Faculty of Medicine, The University of Queensland, Brisbane, QLD 4072, Australia.
Nutrients. 2022 Aug 17;14(16):3365. doi: 10.3390/nu14163365.
Alterations in body composition, in particular sarcopenia and sarcopenic obesity, are complications of liver cirrhosis associated with adverse outcomes. This systematic review aimed to evaluate the effect of diet and/or exercise interventions on body composition (muscle or fat) in adults with cirrhosis. Five databases were searched from inception to November 2021. Controlled trials of diet and/or exercise reporting at least one body composition measure were included. Single-arm interventions were included if guideline-recommended measures were used (computed tomography/magnetic resonance imaging, dual-energy X-ray absorptiometry, bioelectrical impedance analysis, or ultrasound). A total of 22 controlled trials and 5 single-arm interventions were included. Study quality varied (moderate to high risk of bias), mainly due to lack of blinding. Generally, sample sizes were small ( = 6-120). Only one study targeted weight loss in an overweight population. When guideline-recommended measures of body composition were used, the largest improvements occurred with combined diet and exercise interventions. These mostly employed high protein diets with aerobic and or resistance exercises for at least 8 weeks. Benefits were also observed with supplementary branched-chain amino acids. While body composition in cirrhosis may improve with diet and exercise prescription, suitably powered RCTs of combined interventions, targeting overweight/obese populations, and using guideline-recommended body composition measures are needed to clarify if sarcopenia/sarcopenic obesity is modifiable in patients with cirrhosis.

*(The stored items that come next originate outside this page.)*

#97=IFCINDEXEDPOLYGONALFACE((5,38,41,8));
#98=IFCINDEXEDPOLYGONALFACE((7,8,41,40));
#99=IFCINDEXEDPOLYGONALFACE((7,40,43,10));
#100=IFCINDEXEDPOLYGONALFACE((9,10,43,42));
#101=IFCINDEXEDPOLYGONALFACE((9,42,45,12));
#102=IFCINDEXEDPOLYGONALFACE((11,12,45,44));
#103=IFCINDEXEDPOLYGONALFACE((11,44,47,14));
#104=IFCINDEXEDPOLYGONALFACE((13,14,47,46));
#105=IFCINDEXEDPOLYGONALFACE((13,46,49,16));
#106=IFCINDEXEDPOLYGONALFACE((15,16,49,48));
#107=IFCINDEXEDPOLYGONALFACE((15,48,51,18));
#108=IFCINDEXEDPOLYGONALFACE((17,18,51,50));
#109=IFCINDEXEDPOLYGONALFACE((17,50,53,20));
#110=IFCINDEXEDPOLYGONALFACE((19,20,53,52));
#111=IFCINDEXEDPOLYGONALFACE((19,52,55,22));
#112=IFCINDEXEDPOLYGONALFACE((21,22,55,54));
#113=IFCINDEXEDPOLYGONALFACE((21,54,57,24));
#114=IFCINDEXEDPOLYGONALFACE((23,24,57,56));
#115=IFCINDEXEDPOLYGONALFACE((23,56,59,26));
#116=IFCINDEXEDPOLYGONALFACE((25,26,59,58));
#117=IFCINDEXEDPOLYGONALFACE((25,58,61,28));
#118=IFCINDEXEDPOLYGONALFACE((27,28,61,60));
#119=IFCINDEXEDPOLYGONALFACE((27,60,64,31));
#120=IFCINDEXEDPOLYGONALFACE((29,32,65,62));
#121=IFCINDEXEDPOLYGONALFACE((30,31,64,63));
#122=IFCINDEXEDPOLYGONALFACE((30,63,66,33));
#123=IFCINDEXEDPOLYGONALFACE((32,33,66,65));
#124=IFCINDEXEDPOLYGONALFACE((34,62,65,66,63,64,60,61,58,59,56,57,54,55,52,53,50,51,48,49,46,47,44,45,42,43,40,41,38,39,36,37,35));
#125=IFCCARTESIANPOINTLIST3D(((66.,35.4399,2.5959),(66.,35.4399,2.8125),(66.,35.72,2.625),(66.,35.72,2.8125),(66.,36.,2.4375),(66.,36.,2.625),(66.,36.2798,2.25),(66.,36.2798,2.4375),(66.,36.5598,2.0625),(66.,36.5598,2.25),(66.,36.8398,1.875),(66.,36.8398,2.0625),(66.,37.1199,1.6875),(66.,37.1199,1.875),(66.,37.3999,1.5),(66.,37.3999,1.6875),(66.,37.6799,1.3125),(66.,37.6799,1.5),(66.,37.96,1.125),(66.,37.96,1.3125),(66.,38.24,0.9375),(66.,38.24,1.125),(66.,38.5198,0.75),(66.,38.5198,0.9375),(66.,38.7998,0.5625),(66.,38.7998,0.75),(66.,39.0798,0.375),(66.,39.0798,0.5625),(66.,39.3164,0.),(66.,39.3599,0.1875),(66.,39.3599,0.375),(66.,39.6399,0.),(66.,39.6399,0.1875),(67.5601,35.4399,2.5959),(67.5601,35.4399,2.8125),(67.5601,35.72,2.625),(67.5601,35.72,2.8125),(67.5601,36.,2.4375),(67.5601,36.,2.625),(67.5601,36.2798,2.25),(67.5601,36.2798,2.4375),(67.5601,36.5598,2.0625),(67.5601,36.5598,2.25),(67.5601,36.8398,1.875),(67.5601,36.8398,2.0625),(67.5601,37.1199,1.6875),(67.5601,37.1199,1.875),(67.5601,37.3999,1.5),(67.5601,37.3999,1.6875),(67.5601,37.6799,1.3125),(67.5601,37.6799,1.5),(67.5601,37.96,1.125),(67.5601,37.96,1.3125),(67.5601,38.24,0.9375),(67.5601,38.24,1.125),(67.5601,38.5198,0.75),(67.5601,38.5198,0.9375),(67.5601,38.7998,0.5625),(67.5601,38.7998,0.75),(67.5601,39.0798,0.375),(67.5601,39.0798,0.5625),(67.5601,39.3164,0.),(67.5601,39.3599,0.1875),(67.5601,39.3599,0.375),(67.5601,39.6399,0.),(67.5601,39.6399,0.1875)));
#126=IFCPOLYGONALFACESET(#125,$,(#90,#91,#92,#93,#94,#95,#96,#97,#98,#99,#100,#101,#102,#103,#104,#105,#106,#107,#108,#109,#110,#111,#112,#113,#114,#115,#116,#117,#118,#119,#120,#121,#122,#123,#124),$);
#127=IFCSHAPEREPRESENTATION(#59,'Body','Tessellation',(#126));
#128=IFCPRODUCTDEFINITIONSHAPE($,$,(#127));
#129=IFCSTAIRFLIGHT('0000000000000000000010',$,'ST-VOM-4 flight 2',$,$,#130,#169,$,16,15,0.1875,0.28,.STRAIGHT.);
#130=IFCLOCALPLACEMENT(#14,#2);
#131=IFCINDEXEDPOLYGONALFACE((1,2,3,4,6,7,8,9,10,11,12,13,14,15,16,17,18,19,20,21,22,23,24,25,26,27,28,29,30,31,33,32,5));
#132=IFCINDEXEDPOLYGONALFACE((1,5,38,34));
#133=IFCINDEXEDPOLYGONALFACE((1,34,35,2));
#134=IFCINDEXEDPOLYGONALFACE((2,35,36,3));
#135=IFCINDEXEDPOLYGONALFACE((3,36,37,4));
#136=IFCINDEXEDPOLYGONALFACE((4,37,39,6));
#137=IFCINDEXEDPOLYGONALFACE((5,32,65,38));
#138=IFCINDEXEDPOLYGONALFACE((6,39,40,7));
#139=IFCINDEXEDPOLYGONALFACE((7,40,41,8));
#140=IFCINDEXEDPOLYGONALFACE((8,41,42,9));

身体成分的改变,特别是肌肉减少症和肌肉减少性肥胖症,是与不良结局相关的肝硬化并发症。本系统评价旨在评估饮食和/或运动干预对肝硬化成人身体成分(肌肉或脂肪)的影响。从创建到 2021 年 11 月,对五个数据库进行了搜索。纳入了至少报告一项身体成分测量值的饮食和/或运动对照试验。如果使用了指南推荐的措施(计算机断层扫描/磁共振成像、双能 X 射线吸收法、生物电阻抗分析或超声),则纳入单臂干预。共纳入 22 项对照试验和 5 项单臂干预。研究质量存在差异(偏倚风险为中度至高度),主要是由于缺乏盲法。通常,样本量较小(=6-120)。只有一项研究针对超重人群的体重减轻。当使用身体成分的指南推荐措施时,联合饮食和运动干预的效果最大。这些措施主要采用高蛋白饮食,并进行至少 8 周的有氧运动和/或抗阻运动。补充支链氨基酸也观察到了益处。虽然饮食和运动处方可能会改善肝硬化患者的身体成分,但需要进行适当规模的 RCT,针对超重/肥胖人群,并使用指南推荐的身体成分测量方法,以明确肝硬化患者的肌少症/肌少性肥胖症是否可以改变。